The Chinese government has defied international anger at its crackdown on Tibetan independence protests, accusing the Dalai Lama and his "splittist clique" of being out to destroy the Olympics and damage China's international reputation.
Ethnic Han Chinese were the real victims of the Tibetan riots, the Beijing authorities say, and its security forces will respond severely. This month's riots were the most intense in 20 years, shaking Lhasa and surrounding areas and leaving Beijing to repair the worst damage to its public image since the tanks rolled in central Beijing in 1989, massacring pro-democracy activists.
"Evidence shows that the violent incidents were created by the 'Tibet independence' forces and masterminded by the Dalai Lama clique with the vicious intention of undermining the upcoming Olympics and splitting Tibet from the motherland," thundered an editorial in the People's Daily yesterday.
The Dalai Lama – who this weekend was in Delhi for a meditation workshop that the actor Richard Gere was due to attend – denies he incited the riots. Last week the Nobel Peace Prize winner suggested he might resign over the unrest, which goes against his professed policy of trying to find a peaceful way of gaining more autonomy for Tibet. He also says he supports the Beijing Games.
Tibet's exiled spiritual leader has said he would meet the Chinese leadership, even in Beijing, if he believed there was a concrete indication it was ready to enter dialogue.
The Prime Minister, Gordon Brown, said he had been told by Chinese officials that they were prepared to meet the Dalai Lama under certain conditions, but yesterday's blast in the People's Daily appears to signal that there is to be no compromise with him nor with the international attempts at mediation.
Meanwhile demonstrators in Dharamsala, the Dalai Lama's Indian base, continue to protest at the Chinese actions, which they claim have resulted in the deaths of up to 100 people, in contrast to China's official Xinhua news agency, which said 18 civilians and a policeman died in Lhasa.
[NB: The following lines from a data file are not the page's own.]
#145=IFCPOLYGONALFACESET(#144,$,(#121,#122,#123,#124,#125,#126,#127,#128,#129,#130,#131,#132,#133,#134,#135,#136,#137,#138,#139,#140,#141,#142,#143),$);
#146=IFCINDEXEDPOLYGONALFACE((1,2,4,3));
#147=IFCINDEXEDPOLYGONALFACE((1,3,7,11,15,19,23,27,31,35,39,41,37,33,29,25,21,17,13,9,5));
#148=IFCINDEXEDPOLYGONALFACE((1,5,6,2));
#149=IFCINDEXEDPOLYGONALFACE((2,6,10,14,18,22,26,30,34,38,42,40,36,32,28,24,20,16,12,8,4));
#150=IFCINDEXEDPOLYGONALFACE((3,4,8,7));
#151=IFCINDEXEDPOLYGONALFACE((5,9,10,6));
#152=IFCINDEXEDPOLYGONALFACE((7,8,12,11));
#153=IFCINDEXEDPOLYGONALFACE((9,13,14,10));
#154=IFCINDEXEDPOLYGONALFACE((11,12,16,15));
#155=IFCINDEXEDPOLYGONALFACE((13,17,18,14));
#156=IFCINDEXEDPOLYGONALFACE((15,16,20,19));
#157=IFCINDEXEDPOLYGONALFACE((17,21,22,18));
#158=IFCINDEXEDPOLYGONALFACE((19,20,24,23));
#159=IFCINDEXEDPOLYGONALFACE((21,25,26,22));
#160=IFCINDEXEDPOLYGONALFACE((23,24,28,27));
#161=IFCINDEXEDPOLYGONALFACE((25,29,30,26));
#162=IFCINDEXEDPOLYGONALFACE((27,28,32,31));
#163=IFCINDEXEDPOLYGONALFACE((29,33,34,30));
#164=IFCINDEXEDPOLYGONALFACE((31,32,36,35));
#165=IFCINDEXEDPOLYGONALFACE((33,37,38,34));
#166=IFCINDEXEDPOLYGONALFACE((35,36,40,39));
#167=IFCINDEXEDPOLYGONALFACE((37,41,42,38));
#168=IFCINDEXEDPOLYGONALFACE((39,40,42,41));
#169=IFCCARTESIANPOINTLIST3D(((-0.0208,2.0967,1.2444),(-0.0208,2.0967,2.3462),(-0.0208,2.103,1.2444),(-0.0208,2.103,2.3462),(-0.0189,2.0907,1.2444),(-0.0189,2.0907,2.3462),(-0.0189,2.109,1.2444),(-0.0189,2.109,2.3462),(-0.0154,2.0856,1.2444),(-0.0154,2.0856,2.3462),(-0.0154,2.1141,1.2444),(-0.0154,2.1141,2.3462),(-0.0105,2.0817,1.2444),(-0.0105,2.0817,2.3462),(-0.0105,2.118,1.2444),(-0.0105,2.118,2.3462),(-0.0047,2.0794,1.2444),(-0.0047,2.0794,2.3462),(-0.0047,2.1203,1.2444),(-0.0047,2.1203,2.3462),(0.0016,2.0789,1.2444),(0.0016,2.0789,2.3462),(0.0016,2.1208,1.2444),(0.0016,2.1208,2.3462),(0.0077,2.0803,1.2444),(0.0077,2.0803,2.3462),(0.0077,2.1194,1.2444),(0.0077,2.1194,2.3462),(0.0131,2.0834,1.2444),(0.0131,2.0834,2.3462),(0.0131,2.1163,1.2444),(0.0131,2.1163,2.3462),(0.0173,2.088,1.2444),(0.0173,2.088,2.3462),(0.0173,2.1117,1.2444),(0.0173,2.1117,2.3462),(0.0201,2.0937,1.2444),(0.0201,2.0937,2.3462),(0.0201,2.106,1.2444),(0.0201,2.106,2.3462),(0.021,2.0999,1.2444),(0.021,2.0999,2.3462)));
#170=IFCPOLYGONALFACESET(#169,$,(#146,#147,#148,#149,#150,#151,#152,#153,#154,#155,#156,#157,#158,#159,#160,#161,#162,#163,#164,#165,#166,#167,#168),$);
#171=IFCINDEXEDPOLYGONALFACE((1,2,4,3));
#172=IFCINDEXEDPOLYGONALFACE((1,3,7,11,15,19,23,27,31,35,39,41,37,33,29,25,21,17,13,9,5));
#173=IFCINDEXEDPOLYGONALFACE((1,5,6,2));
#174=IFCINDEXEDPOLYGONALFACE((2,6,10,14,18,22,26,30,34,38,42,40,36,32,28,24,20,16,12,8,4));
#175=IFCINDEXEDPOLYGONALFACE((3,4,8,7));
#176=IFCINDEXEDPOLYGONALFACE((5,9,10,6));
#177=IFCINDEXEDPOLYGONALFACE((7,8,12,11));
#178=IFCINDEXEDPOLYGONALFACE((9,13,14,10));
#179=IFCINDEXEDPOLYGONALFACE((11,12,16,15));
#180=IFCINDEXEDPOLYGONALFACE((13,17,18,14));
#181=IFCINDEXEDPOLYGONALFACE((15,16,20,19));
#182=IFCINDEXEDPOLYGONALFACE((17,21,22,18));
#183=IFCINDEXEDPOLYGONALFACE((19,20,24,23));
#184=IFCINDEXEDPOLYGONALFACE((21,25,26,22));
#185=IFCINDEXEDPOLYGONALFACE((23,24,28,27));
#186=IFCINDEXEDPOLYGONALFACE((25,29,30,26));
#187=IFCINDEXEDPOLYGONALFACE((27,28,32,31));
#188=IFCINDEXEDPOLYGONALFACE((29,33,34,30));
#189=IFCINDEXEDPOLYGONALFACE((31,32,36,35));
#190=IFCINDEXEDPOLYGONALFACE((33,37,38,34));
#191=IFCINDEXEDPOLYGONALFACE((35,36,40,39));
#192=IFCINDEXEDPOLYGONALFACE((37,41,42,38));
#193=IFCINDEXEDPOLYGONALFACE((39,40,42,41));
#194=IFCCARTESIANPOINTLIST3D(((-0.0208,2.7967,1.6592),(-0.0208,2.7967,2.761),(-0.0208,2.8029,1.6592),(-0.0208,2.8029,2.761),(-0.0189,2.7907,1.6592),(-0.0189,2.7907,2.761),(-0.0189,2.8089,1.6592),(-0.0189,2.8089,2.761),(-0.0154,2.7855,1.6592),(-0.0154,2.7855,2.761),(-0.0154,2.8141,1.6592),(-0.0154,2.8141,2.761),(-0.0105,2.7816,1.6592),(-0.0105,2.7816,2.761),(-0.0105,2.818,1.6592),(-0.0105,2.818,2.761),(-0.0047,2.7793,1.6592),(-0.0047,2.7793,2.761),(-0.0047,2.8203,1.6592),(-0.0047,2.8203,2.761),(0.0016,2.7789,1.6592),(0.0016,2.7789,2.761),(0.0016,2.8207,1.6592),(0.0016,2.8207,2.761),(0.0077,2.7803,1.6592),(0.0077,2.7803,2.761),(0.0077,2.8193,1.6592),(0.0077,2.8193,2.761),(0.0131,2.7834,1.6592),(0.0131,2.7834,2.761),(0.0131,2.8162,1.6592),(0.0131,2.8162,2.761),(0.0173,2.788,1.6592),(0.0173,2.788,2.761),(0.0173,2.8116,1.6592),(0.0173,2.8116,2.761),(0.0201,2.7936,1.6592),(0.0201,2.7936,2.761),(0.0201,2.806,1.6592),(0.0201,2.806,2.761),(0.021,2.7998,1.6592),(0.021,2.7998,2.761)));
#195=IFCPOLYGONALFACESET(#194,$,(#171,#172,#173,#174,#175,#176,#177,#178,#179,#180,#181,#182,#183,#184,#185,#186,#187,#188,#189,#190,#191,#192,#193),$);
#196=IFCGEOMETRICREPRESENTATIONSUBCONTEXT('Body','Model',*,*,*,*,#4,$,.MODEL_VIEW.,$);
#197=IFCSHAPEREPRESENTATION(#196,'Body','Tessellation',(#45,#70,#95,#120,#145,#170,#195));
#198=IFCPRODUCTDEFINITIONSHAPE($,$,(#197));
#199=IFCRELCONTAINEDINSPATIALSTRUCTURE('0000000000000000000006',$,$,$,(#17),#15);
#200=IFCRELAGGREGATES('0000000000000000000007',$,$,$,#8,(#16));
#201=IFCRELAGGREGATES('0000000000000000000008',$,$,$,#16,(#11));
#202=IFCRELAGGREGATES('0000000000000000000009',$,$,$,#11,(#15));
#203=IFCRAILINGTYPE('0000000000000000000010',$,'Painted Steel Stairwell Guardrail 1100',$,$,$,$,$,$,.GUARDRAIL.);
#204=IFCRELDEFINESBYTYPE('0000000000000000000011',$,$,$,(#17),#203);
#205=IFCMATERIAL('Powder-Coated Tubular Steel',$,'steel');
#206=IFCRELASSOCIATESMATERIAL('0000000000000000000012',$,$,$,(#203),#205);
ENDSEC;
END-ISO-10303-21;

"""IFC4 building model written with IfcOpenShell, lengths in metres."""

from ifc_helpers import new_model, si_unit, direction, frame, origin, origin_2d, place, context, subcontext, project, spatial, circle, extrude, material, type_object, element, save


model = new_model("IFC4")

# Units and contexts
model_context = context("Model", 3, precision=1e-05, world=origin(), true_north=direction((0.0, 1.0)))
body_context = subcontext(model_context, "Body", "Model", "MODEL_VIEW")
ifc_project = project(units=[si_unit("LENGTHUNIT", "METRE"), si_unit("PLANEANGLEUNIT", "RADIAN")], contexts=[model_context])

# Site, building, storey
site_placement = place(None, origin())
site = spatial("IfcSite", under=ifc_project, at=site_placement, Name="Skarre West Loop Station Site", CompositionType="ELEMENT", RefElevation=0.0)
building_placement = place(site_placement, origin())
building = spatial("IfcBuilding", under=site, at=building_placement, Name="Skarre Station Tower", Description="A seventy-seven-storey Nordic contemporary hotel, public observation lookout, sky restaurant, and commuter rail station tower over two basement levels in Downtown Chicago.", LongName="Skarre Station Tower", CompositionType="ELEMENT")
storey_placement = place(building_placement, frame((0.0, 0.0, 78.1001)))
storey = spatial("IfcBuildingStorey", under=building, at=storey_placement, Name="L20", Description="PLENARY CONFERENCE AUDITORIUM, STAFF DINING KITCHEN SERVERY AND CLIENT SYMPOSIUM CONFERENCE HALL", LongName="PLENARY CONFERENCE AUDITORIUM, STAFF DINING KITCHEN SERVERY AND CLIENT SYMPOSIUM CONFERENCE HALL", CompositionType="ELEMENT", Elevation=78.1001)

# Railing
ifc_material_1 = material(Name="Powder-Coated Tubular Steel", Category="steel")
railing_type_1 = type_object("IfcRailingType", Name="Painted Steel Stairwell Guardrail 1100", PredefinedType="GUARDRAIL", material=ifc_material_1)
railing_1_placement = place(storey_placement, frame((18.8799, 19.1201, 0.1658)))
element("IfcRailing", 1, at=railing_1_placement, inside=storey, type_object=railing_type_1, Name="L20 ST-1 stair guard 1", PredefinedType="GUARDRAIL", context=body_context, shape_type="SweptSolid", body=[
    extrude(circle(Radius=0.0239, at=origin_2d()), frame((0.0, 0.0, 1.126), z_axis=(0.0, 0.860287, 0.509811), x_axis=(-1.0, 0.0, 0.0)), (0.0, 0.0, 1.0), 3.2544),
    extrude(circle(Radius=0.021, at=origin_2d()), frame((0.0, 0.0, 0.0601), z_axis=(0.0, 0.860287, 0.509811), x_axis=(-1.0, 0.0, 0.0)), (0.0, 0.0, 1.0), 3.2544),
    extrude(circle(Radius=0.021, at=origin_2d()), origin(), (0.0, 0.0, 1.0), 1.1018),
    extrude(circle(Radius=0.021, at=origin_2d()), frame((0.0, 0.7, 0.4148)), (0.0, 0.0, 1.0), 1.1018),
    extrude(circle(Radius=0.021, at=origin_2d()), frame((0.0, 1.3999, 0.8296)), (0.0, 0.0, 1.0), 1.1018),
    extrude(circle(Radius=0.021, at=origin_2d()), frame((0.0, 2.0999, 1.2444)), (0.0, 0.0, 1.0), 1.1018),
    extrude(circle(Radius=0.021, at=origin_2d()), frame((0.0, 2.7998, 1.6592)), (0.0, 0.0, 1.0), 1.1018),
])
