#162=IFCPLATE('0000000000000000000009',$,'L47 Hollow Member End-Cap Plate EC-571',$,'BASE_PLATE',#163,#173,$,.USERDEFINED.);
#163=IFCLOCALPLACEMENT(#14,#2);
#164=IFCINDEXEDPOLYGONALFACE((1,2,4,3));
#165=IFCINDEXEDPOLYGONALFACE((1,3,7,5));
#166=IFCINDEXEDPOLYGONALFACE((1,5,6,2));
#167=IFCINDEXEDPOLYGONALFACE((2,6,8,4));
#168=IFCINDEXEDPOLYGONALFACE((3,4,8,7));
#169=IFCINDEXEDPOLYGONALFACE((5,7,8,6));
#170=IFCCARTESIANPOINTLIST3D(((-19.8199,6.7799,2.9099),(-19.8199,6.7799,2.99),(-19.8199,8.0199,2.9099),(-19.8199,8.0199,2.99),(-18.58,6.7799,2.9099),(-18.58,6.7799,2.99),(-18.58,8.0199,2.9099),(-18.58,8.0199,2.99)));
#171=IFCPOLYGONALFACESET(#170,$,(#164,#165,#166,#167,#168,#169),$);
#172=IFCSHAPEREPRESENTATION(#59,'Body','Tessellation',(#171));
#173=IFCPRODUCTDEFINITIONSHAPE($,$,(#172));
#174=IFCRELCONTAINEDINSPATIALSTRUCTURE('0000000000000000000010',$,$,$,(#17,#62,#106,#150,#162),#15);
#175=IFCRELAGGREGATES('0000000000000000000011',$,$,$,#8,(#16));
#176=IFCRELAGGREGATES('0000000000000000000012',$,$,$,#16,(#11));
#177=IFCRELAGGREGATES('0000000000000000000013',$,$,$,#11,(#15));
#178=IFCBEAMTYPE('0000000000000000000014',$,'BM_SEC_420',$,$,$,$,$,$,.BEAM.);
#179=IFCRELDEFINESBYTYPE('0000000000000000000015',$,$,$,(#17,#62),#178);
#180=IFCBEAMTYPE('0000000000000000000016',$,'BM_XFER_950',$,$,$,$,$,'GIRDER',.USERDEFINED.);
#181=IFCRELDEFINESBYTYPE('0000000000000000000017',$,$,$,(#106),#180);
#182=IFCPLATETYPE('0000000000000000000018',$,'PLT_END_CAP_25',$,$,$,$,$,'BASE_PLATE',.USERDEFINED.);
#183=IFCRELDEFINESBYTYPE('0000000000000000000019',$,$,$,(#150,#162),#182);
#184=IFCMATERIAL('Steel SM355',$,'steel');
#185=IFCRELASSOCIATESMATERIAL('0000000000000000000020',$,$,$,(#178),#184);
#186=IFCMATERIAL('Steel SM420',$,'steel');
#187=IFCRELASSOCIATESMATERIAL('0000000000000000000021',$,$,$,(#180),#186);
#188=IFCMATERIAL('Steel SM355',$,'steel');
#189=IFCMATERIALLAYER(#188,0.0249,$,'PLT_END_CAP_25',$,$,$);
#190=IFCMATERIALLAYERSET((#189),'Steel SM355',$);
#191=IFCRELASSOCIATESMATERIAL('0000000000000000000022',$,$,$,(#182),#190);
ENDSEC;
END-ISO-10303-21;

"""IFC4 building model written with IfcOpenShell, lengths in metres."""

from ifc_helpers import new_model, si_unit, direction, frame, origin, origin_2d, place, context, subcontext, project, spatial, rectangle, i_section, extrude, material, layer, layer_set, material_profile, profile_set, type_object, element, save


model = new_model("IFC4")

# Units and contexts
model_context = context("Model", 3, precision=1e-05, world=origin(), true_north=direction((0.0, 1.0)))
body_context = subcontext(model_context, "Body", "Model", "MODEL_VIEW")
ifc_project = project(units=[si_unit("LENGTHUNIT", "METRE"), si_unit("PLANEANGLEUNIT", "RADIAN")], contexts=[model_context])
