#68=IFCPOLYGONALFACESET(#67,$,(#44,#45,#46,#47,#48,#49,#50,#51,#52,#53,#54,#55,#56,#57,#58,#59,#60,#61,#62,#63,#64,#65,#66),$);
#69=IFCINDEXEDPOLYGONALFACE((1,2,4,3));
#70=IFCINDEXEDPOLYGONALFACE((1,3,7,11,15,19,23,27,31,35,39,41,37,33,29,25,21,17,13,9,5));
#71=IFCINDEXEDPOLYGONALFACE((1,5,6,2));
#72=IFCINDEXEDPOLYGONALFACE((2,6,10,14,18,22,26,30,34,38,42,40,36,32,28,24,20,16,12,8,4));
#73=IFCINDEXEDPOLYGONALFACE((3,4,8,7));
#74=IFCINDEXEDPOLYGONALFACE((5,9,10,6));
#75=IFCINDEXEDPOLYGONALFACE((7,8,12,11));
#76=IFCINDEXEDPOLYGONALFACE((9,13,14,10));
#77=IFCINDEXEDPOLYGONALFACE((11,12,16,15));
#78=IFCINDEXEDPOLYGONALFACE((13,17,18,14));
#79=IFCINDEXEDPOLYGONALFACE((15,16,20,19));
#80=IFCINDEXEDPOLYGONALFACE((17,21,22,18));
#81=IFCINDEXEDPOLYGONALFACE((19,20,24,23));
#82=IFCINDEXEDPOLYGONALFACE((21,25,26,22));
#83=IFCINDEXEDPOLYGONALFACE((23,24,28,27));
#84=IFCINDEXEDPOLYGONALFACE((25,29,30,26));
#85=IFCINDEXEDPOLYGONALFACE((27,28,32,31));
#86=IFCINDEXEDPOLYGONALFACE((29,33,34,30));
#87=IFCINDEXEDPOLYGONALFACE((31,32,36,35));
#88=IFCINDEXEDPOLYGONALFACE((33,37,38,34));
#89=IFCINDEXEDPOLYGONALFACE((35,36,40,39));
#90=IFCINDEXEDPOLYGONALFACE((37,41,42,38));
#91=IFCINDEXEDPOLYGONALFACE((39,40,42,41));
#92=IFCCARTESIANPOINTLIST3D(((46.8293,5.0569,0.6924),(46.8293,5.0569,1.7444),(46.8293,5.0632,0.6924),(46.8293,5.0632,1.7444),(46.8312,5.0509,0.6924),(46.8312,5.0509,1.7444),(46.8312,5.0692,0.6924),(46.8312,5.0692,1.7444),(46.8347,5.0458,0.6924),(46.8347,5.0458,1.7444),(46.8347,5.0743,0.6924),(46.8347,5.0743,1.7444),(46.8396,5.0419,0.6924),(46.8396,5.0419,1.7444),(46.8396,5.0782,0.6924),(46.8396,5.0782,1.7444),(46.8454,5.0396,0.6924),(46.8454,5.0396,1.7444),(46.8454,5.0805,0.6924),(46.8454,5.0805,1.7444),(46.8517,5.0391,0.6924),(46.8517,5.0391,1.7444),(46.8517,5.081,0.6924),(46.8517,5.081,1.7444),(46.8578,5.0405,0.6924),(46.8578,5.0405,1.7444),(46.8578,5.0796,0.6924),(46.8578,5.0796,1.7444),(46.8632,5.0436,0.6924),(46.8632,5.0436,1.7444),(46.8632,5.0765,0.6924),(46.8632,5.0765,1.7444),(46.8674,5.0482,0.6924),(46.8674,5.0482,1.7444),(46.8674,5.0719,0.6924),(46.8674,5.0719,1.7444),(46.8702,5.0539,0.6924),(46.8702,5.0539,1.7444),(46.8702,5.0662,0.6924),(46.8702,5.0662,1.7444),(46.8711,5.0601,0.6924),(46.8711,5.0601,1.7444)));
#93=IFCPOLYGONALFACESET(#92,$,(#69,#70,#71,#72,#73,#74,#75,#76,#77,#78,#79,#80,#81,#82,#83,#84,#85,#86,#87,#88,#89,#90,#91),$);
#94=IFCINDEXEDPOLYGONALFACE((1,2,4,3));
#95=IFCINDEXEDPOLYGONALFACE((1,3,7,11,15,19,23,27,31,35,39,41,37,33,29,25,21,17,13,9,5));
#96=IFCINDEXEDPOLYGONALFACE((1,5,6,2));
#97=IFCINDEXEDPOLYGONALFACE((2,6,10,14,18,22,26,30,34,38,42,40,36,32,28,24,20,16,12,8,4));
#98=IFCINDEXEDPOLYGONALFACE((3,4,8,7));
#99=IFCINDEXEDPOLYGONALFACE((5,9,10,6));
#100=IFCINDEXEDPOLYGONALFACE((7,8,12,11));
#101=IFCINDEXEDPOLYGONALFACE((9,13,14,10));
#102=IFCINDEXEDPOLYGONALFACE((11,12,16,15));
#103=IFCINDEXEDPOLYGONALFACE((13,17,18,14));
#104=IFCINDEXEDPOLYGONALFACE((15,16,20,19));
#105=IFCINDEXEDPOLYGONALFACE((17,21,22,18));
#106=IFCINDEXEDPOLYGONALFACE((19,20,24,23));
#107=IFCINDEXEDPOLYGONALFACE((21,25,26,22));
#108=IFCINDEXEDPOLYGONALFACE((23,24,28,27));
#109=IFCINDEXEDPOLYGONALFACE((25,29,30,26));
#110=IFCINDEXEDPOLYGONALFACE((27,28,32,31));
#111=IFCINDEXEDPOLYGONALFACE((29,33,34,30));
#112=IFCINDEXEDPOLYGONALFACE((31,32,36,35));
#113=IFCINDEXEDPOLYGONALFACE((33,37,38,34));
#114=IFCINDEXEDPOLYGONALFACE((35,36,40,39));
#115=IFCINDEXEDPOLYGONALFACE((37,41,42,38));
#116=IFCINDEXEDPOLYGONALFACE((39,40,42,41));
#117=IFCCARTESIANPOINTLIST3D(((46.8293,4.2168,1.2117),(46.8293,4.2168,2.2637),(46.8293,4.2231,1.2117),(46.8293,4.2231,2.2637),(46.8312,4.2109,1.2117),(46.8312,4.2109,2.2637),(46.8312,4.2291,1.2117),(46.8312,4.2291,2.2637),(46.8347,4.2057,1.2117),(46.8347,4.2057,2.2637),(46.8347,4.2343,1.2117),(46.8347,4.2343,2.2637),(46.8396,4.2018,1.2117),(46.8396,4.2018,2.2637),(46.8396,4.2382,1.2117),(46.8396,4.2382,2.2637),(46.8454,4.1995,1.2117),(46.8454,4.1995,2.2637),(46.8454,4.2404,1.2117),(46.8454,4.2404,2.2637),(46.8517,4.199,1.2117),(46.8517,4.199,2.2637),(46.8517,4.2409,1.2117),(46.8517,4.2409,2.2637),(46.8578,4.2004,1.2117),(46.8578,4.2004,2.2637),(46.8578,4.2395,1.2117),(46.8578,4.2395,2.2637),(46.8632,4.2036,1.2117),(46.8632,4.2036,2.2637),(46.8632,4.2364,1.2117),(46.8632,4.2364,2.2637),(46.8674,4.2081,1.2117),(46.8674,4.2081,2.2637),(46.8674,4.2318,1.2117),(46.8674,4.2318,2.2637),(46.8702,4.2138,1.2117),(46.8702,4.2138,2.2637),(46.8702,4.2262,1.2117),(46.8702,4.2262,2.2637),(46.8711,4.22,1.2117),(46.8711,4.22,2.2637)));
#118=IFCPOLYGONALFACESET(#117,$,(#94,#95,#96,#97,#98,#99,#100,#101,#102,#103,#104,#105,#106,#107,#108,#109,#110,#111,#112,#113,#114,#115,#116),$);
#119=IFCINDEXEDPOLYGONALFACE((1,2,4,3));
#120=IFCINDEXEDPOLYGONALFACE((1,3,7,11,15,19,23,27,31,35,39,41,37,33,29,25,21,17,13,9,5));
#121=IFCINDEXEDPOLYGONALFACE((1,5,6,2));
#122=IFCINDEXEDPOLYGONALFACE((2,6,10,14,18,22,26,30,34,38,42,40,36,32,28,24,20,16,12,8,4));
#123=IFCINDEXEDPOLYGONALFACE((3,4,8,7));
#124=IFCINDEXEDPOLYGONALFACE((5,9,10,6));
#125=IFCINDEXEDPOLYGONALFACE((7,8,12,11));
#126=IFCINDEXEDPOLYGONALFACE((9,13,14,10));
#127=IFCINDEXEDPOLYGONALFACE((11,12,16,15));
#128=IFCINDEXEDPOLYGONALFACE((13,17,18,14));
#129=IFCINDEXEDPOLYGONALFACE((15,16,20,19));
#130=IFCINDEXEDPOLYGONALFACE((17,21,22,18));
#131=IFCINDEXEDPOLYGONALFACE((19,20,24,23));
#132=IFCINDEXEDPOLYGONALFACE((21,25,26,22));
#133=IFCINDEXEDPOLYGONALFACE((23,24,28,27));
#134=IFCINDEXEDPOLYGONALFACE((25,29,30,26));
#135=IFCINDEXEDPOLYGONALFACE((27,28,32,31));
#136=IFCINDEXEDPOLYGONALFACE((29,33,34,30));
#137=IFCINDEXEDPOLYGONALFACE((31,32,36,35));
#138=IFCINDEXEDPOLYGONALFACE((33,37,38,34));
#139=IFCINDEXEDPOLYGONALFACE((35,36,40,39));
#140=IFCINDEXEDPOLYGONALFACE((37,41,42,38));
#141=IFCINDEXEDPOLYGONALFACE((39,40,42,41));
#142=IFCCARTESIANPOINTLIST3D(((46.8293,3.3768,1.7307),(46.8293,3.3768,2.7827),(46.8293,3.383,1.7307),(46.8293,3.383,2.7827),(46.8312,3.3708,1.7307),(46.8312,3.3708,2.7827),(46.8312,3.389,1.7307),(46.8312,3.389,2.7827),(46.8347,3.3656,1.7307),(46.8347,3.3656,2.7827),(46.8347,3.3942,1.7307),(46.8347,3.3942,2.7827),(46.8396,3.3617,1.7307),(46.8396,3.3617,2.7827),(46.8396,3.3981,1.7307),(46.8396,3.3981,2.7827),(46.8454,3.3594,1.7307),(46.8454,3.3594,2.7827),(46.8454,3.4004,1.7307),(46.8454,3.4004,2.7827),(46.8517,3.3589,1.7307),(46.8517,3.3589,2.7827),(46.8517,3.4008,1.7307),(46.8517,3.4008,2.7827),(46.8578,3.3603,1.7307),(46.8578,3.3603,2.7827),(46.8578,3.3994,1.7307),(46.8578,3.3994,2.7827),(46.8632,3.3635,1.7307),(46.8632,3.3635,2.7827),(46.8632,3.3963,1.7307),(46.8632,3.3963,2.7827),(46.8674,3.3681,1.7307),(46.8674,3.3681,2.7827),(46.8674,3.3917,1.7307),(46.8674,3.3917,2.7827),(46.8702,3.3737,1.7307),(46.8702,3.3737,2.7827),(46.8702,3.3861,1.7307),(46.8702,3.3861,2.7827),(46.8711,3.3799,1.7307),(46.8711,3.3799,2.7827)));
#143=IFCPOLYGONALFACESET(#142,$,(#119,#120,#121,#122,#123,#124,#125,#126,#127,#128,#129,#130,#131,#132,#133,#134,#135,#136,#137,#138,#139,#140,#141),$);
Waving Tibetan flags and carrying banners protesting against the Beijing authorities, the marchers have brought the town to a halt on a daily basis.
"They are not giving back the bodies. That is why no one knows how people are dead," said one protester, Dolma Tsering. On efforts to draw international attention to what has happened, she added: "We have to do something. We have to make a noise." Another protester, Lopsong Dawa, said: "We are only trying for peace, but China is lying. One day we will get our freedom."
Protests in Tibet began on 10 March to mark the anniversary of a 1959 uprising against Beijing's rule, amid widespread anger over what Tibetans say have been brutal and repressive policies. Beijing has accused foreign media of anti-China bias in its reporting of the riots, but the true number of deaths may never be known, since China has barred outsiders from the trouble spots.
Hundreds of truckloads of soldiers and armed police have poured into Tibet and other Tibetan areas of China, such as Gansu and Sichuan provinces, and human rights groups have warned of waves of arrests and possible torture of those picked up in the crackdown. Police in Lhasa issued a "most wanted" list of 21 suspects and posted their pictures on the internet.
Footage of ethnic Han Chinese being attacked by Tibetans in Lhasa has dominated state media in China. There have been reports of Lhasa residents mourning Han victims, feel-good stories about Tibetans praising Chinese investment in the Himalayan region and images of Tibetan schoolchildren being taught their native language in schools – one of the biggest criticisms of China has been the way it is damaging local culture. The media also warned Uighur Muslim separatists, in the restive north-western region of Xinjiang, against following the Tibetans' lead.
Xinhua reported that China had broad international support for its "legitimate actions to handle the violence in Lhasa". The English-language China Daily said Western coverage was "biased and sometimes dishonest", aimed at portraying China in a negative light, and accused foreign media of running "untrue" reports.
The crackdown has severely dented hopes of closer ties with Taiwan, which China sees as a renegade province to be taken back by force if necessary, ratcheting up tensions in one of Asia's biggest flashpoints. In yesterday's election there, the Kuomintang, the Communists' civil war enemies, who now favour closer ties with Beijing, returned to power after eight years – the first piece of good news for Beijing this month. However, the victor, Ma Ying-jeou, was forced to take a more sceptical line on closer relations after voters said they were disturbed by the sight of Chinese troops attacking monks in Tibet.